Die Zahl der Partner liegt je nach Satzung zwischen 2 und 5. Die Haftung ist auf den Beitrag begrenzt. Die Satzung legt das Mindestkapital fest, von dem 25 % eingezahlt sein müssen. Der Name muss den Zusatz „Genossenschaft“ oder „S. Coop“ enthalten.

Organe:

  • Generalversammlung: Oberstes Entscheidungsgremium.
  • Verwaltungsrat: Verwaltung und Vertretung.
  • Ressourcenausschuss: Zuständig für wirtschaftliche Ressourcen.
  • Wirtschaftsprüfer: Kontrolle des Jahresabschlusses.

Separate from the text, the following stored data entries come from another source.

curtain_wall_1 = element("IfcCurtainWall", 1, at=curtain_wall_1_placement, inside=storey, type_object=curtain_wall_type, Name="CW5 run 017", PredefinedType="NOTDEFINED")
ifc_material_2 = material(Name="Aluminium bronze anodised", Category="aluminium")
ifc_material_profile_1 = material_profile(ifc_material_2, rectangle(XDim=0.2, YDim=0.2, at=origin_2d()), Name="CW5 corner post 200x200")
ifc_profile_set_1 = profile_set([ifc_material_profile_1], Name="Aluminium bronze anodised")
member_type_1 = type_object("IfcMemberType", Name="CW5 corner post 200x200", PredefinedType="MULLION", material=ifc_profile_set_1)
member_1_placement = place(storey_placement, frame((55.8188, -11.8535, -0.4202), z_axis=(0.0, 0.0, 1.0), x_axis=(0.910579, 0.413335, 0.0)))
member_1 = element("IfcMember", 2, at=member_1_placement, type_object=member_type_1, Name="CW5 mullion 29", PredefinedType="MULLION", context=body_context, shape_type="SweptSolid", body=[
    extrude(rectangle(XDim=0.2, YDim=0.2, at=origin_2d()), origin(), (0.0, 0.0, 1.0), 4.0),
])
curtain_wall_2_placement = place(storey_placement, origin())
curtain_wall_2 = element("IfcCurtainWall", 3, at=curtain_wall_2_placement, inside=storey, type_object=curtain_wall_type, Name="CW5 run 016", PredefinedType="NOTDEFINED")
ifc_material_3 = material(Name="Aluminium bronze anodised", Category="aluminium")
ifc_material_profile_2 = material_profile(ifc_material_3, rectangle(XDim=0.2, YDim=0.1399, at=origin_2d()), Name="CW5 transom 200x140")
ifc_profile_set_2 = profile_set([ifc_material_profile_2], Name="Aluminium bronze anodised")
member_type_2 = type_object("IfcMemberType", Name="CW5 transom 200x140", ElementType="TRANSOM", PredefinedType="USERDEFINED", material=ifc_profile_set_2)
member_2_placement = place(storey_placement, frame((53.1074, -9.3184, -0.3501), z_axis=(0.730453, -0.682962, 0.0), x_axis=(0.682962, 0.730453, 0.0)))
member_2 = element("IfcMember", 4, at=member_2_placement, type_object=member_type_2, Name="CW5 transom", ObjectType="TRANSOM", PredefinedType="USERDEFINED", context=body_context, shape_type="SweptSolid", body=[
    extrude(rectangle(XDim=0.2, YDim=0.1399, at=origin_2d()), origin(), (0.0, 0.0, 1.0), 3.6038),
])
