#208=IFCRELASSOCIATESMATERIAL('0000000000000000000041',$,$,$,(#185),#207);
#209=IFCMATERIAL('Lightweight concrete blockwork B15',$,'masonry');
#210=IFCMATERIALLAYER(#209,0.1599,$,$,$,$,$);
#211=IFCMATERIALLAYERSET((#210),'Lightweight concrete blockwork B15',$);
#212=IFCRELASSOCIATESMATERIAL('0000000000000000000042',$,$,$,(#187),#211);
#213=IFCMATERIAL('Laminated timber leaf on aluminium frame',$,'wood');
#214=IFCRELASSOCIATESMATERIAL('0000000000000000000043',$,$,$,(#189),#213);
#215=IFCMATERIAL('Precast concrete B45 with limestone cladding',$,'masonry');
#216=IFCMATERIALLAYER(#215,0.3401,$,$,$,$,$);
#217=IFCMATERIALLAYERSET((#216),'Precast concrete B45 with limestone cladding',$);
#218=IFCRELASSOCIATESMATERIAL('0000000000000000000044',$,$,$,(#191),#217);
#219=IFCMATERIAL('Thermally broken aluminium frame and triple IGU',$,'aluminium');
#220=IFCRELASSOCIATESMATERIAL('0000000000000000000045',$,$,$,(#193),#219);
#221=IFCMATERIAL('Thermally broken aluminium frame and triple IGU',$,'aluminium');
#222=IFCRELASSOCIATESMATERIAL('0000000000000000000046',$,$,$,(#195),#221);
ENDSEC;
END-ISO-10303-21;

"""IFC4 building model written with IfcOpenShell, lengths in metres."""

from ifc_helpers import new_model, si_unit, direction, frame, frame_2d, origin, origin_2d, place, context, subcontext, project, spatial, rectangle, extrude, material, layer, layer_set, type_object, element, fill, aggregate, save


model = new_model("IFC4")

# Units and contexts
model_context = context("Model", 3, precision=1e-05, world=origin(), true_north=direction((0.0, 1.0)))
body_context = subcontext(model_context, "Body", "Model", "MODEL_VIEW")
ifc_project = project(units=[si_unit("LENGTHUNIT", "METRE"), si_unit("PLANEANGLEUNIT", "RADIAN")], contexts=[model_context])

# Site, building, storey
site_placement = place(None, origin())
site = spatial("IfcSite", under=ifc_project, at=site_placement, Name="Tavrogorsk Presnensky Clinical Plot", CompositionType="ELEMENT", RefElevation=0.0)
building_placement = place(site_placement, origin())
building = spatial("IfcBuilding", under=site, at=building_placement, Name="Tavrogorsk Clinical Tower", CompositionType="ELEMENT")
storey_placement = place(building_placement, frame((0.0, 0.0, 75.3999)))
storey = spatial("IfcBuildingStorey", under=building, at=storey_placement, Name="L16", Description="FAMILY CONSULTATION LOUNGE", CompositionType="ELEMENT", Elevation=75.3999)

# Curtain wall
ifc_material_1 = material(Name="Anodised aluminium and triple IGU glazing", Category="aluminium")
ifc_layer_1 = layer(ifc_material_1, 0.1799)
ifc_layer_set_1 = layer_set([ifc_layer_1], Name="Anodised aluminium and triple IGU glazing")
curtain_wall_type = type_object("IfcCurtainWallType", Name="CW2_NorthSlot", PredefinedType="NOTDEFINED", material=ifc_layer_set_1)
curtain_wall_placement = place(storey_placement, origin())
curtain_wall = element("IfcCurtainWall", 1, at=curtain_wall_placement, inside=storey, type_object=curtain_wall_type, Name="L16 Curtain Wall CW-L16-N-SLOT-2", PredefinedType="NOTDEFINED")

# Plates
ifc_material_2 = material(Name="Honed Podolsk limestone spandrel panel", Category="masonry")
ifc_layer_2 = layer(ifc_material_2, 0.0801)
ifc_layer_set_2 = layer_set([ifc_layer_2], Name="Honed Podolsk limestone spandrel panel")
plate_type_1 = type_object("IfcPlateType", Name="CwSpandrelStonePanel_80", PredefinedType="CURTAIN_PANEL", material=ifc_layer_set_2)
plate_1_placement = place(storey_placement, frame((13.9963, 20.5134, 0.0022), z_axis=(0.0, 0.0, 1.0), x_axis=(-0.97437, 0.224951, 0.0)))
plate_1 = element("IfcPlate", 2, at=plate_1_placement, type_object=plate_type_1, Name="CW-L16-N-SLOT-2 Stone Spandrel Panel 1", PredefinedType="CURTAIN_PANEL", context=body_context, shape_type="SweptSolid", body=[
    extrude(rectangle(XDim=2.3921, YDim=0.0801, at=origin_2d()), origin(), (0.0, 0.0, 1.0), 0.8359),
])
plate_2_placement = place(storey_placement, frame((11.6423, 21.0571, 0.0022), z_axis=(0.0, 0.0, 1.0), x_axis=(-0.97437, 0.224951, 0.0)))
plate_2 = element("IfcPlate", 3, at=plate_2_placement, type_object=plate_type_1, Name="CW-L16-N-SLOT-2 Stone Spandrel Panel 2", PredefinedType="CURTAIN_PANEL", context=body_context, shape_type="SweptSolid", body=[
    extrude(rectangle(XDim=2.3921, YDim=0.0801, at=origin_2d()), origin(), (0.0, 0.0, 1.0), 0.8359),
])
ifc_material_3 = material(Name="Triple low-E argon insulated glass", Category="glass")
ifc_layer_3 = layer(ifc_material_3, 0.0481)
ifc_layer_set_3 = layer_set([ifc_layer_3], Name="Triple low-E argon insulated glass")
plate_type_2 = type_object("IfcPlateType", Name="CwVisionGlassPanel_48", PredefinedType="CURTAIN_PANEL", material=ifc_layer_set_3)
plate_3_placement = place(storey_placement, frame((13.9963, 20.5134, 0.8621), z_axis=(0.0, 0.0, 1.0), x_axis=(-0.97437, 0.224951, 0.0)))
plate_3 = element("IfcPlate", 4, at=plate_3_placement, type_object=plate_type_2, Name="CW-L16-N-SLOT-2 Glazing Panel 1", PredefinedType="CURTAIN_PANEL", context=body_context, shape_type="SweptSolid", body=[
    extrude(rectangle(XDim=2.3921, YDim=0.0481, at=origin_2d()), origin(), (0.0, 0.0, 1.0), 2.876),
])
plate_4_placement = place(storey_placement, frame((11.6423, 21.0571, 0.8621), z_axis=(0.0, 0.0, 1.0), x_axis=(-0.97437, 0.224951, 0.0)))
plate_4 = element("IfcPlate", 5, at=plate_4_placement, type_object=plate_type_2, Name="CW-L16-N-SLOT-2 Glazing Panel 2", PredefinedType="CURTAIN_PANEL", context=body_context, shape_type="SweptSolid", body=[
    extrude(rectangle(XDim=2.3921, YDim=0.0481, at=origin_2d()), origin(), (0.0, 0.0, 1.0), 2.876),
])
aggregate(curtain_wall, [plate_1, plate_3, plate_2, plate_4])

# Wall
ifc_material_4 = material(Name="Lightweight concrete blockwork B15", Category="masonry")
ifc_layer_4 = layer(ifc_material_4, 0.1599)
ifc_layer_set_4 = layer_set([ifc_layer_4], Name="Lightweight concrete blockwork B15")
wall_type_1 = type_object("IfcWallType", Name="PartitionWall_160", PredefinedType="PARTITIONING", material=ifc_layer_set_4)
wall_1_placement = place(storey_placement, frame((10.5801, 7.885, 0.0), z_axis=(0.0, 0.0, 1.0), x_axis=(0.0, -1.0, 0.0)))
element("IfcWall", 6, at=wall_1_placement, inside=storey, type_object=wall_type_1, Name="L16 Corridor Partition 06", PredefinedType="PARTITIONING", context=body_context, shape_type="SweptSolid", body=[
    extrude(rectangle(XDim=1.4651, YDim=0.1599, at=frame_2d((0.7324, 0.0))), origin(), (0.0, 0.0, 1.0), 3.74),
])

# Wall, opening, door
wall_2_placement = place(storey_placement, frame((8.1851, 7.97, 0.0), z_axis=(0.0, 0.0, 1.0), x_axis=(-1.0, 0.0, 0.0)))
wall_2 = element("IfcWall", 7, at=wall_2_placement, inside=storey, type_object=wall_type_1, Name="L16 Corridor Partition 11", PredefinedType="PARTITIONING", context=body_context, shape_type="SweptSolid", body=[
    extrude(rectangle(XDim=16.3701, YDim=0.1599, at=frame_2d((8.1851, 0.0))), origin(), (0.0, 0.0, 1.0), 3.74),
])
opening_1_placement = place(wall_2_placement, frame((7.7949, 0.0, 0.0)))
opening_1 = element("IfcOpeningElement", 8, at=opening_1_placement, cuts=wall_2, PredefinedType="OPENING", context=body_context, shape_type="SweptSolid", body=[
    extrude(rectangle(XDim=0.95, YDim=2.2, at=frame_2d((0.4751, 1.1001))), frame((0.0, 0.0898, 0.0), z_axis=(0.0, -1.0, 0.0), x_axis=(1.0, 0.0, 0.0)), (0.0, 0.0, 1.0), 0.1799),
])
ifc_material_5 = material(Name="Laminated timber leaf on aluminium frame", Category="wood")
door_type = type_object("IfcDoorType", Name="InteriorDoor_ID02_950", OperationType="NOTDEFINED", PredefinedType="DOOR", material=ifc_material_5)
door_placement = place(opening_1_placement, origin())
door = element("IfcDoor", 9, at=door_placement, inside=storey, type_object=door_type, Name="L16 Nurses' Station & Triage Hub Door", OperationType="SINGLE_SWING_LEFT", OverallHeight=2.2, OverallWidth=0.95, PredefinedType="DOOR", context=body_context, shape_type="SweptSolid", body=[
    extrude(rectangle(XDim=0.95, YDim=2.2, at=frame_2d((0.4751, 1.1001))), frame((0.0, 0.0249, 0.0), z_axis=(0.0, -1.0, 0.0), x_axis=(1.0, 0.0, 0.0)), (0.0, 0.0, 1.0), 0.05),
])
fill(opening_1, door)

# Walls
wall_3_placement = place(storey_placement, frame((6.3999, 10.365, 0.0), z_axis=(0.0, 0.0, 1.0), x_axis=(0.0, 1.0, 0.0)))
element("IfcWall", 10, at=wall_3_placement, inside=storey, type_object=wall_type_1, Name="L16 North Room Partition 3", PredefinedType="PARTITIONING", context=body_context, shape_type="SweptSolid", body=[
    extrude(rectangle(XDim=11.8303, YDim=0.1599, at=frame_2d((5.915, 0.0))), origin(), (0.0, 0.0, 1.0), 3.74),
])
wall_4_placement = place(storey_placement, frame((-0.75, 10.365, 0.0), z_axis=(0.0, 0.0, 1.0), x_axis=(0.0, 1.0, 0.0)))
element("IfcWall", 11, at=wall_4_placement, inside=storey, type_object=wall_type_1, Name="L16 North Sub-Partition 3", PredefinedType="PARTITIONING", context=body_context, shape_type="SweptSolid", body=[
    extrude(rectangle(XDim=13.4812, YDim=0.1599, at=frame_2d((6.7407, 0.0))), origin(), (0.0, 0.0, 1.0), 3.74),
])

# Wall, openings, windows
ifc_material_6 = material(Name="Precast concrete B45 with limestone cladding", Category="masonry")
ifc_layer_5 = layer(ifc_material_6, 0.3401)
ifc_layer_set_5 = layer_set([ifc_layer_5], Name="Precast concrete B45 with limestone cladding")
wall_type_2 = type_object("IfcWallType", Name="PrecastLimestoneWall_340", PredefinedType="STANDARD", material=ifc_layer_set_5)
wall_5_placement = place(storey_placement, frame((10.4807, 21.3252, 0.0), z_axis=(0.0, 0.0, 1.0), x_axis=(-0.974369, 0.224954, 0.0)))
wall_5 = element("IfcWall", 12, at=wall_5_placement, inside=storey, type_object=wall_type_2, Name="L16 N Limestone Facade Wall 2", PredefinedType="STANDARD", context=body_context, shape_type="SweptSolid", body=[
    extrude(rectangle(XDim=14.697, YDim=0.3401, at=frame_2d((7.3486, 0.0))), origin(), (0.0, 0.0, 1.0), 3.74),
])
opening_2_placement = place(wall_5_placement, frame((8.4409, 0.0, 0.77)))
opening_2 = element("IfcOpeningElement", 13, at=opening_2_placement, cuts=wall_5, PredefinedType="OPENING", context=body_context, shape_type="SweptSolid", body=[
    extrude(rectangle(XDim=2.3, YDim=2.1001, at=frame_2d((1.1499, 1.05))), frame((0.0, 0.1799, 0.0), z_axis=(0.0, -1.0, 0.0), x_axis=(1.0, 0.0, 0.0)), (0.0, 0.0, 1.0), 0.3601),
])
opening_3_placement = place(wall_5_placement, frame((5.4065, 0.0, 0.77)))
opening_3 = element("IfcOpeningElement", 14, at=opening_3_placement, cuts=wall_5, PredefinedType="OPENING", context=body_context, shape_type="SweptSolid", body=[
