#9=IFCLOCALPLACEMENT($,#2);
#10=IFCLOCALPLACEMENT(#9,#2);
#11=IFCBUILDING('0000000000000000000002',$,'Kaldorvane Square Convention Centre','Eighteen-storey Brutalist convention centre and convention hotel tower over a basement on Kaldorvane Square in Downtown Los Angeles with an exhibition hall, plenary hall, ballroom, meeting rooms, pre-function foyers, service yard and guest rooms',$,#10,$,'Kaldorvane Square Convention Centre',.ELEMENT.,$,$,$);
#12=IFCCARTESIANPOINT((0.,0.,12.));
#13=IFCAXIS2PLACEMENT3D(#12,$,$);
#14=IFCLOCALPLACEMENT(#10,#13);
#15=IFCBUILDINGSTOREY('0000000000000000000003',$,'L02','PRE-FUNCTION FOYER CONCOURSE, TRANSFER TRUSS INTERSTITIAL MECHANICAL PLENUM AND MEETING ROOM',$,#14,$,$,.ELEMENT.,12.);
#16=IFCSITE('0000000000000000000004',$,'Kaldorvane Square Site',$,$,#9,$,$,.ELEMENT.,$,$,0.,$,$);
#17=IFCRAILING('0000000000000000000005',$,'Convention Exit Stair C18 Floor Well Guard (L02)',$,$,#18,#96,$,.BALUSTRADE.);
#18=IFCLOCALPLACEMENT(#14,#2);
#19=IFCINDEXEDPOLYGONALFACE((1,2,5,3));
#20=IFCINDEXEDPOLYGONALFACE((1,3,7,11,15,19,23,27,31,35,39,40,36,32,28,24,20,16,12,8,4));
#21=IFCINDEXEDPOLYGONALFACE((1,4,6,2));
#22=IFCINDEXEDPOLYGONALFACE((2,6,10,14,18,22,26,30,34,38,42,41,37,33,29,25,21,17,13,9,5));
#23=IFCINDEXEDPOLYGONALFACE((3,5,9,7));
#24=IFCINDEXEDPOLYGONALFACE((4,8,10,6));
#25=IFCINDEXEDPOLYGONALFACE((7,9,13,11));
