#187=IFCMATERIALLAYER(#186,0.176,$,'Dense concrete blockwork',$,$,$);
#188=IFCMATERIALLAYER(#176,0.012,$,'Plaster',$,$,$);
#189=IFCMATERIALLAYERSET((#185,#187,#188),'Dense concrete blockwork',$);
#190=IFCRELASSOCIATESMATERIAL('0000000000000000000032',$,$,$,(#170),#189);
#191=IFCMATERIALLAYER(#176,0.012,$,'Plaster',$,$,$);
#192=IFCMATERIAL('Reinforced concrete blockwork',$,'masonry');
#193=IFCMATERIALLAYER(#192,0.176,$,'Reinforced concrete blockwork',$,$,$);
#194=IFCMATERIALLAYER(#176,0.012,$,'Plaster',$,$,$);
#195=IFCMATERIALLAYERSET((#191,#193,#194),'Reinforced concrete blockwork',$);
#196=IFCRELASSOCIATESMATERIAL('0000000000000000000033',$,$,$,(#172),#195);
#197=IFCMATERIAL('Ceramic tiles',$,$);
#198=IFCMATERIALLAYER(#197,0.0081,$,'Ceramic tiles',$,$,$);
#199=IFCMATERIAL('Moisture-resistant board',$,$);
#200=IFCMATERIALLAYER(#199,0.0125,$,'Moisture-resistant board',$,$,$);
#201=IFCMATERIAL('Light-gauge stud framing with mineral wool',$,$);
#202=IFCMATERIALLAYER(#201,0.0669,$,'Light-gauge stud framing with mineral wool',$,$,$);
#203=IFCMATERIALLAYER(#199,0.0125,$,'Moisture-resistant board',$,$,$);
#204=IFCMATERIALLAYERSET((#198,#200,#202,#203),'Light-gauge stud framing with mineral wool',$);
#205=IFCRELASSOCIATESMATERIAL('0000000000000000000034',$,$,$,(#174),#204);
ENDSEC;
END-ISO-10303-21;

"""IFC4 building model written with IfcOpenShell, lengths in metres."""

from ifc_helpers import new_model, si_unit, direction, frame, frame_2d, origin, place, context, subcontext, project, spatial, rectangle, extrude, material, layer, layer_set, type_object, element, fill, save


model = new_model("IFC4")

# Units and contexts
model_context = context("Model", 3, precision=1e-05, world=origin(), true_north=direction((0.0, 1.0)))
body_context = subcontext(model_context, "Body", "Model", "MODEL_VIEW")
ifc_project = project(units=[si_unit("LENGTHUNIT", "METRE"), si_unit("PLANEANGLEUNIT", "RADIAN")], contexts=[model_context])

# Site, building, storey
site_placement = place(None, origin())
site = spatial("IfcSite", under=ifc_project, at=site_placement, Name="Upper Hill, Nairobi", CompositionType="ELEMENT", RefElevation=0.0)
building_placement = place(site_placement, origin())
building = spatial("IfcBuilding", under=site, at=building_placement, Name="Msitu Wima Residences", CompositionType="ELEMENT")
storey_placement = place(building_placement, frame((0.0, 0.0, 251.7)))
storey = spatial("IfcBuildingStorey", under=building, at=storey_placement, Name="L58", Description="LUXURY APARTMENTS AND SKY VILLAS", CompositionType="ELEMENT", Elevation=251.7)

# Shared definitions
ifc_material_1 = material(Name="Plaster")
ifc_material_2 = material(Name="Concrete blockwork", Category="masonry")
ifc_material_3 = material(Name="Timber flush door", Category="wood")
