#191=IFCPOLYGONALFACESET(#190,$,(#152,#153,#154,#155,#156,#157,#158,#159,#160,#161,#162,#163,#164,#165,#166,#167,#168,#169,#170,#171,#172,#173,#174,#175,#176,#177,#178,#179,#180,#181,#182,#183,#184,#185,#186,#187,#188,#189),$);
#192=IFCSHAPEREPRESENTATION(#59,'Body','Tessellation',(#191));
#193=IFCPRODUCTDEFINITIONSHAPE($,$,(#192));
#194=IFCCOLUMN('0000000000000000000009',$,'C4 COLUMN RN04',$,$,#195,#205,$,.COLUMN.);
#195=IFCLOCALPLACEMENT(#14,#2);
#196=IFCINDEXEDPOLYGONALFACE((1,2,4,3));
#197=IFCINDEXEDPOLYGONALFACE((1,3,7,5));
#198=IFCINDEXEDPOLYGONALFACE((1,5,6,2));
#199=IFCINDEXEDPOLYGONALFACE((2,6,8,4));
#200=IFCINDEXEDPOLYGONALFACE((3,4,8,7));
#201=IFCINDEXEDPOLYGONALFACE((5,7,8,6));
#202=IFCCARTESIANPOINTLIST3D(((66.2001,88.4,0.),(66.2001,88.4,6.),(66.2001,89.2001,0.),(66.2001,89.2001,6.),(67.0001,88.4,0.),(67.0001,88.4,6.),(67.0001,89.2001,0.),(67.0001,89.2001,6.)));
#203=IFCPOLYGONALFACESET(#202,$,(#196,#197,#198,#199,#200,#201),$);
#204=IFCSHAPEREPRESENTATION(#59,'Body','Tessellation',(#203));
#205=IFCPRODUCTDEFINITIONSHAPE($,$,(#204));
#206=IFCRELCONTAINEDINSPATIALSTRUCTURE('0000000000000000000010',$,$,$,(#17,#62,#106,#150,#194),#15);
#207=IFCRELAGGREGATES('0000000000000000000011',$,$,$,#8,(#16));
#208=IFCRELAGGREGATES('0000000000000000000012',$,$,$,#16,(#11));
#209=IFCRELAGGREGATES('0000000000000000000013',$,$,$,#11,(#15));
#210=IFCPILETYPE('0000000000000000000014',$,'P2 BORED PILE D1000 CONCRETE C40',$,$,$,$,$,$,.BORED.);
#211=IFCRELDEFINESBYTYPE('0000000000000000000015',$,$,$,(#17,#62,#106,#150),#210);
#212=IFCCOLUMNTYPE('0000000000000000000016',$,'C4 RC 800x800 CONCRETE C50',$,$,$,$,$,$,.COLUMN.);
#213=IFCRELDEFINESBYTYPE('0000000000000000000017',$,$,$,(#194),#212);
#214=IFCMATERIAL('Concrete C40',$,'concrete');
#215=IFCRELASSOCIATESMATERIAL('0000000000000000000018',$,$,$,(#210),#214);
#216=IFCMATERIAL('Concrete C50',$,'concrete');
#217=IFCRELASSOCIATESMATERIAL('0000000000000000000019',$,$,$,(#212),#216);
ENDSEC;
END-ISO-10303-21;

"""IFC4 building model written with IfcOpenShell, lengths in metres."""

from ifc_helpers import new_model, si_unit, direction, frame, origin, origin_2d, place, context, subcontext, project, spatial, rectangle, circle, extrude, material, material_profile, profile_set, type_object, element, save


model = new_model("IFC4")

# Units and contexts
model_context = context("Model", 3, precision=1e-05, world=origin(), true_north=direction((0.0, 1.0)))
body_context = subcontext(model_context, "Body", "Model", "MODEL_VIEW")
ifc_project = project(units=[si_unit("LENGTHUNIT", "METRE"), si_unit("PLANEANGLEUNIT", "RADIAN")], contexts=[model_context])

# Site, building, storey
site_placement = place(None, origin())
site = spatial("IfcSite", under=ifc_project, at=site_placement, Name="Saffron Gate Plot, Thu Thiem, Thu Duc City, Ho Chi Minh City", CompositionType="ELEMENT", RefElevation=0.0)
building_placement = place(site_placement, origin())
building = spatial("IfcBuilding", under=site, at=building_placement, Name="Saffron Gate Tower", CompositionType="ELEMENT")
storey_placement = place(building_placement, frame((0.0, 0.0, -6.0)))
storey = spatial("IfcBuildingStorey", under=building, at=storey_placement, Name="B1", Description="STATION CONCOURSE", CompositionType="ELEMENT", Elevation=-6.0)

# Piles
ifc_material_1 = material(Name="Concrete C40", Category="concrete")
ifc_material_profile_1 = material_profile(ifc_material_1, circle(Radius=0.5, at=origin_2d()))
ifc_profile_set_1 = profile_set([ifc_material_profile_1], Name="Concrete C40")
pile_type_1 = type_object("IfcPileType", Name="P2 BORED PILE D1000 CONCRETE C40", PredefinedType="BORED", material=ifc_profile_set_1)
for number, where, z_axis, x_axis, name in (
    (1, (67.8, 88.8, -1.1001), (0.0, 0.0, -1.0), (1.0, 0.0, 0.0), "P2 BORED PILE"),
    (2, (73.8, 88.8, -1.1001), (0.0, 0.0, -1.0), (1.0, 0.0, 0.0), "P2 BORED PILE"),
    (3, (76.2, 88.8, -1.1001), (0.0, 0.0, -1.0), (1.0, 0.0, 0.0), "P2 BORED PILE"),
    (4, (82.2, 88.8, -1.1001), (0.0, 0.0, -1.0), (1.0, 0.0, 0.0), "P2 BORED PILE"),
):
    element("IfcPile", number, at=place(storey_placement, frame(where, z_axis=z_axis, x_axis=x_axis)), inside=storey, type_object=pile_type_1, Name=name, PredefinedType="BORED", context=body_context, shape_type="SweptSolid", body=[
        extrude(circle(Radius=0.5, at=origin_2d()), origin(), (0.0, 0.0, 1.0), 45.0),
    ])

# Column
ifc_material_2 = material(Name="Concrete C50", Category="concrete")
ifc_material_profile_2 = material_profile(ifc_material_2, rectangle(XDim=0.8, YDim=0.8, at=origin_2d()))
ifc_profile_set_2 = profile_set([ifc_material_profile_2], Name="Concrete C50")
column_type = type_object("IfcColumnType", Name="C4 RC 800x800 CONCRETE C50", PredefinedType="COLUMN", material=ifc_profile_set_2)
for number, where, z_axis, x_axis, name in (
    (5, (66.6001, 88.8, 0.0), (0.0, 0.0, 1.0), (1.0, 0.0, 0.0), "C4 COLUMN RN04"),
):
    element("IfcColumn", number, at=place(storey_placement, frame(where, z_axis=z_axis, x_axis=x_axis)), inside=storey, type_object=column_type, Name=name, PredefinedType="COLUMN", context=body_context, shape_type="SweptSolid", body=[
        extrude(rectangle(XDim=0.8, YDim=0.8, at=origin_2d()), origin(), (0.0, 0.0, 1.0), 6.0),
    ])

Arbeiter-Aktiengesellschaft (SAL)

Erfordert mindestens vier Partner, davon drei Arbeiter. Das Mindestkapital beträgt 60.101,21 €, wobei mindestens 51 % des Kapitals im Besitz der Arbeiter sein müssen. Der Name muss den Zusatz „Limited Liability Company“ oder „SAL“ tragen. Ein spezieller Reservefonds von 10 % des Nettogewinns ist verpflichtend.

Arbeiter-GmbH (SLL)

Erfordert mindestens vier Partner, davon drei Arbeiter. Das Mindestkapital beträgt 3.101,21 €. Mindestens 51 % des Kapitals müssen den Arbeitern gehören. Der Name muss den Zusatz „Labor Liability Company“ oder „SLL“ tragen. Ein Reservefonds von 10 % des Gewinns ist vorgeschrieben.

Organisationsstrukturen

Die intentionale Struktur definiert die Positionen und Aufgaben innerhalb eines Unternehmens, um vorgegebene Ziele effizient zu erreichen.

Lineares Modell (Hierarchisch)

Jedes Mitglied untersteht einem Vorgesetzten. Geeignet für kleine bis mittlere Unternehmen.

  • Vorteile: Einfachheit, klare Verantwortlichkeiten, schnelle Entscheidungen.
  • Nachteile: Mangelnde Flexibilität, Überlastung der Führung, geringe Motivation.

Funktionelles Modell

Gekennzeichnet durch Spezialisten für spezifische Aufgaben.

  • Vorteile: Fachwissen, direkte Kommunikation.
  • Nachteile: Mögliche widersprüchliche Anweisungen durch mehrere Vorgesetzte.

Linien-Stab-Modell

Hierarchische Struktur ergänzt durch beratende Stabsstellen.

  • Vorteile: Einbindung von Spezialisten ohne Unterbrechung der Befehlskette.
  • Nachteile: Langsame Entscheidungsfindung, potenzielle Konflikte zwischen Linie und Stab.

Ausschussmodell

Entscheidungen werden gemeinsam durch Leiter verschiedener Bereiche getroffen.

  • Vorteile: Ganzheitliche Sichtweise, breite Beteiligung.
  • Nachteile: Zeitaufwendige Entscheidungsfindung, geteilte Verantwortung.

Matrix-Modell

Kombiniert funktionale Abteilungen mit projektbezogener Struktur.

  • Vorteile: Hohe Flexibilität bei Projekten.
  • Nachteile: Koordinationsaufwand, Konfliktpotenzial zwischen Projekt- und Abteilungsleitern.

Unternehmensführung

Die Aufgaben des Managements umfassen Planung, Organisation und Verwaltung, um menschliche und materielle Faktoren optimal zu verbinden.

  • Planung: Festlegung von Zielen und Strategien.
  • Organisieren: Design der Struktur und Zuweisung von Aufgaben und Verantwortlichkeiten.
  • Verwalten: Steuerung der Mitarbeiter zur Erreichung der Unternehmensziele.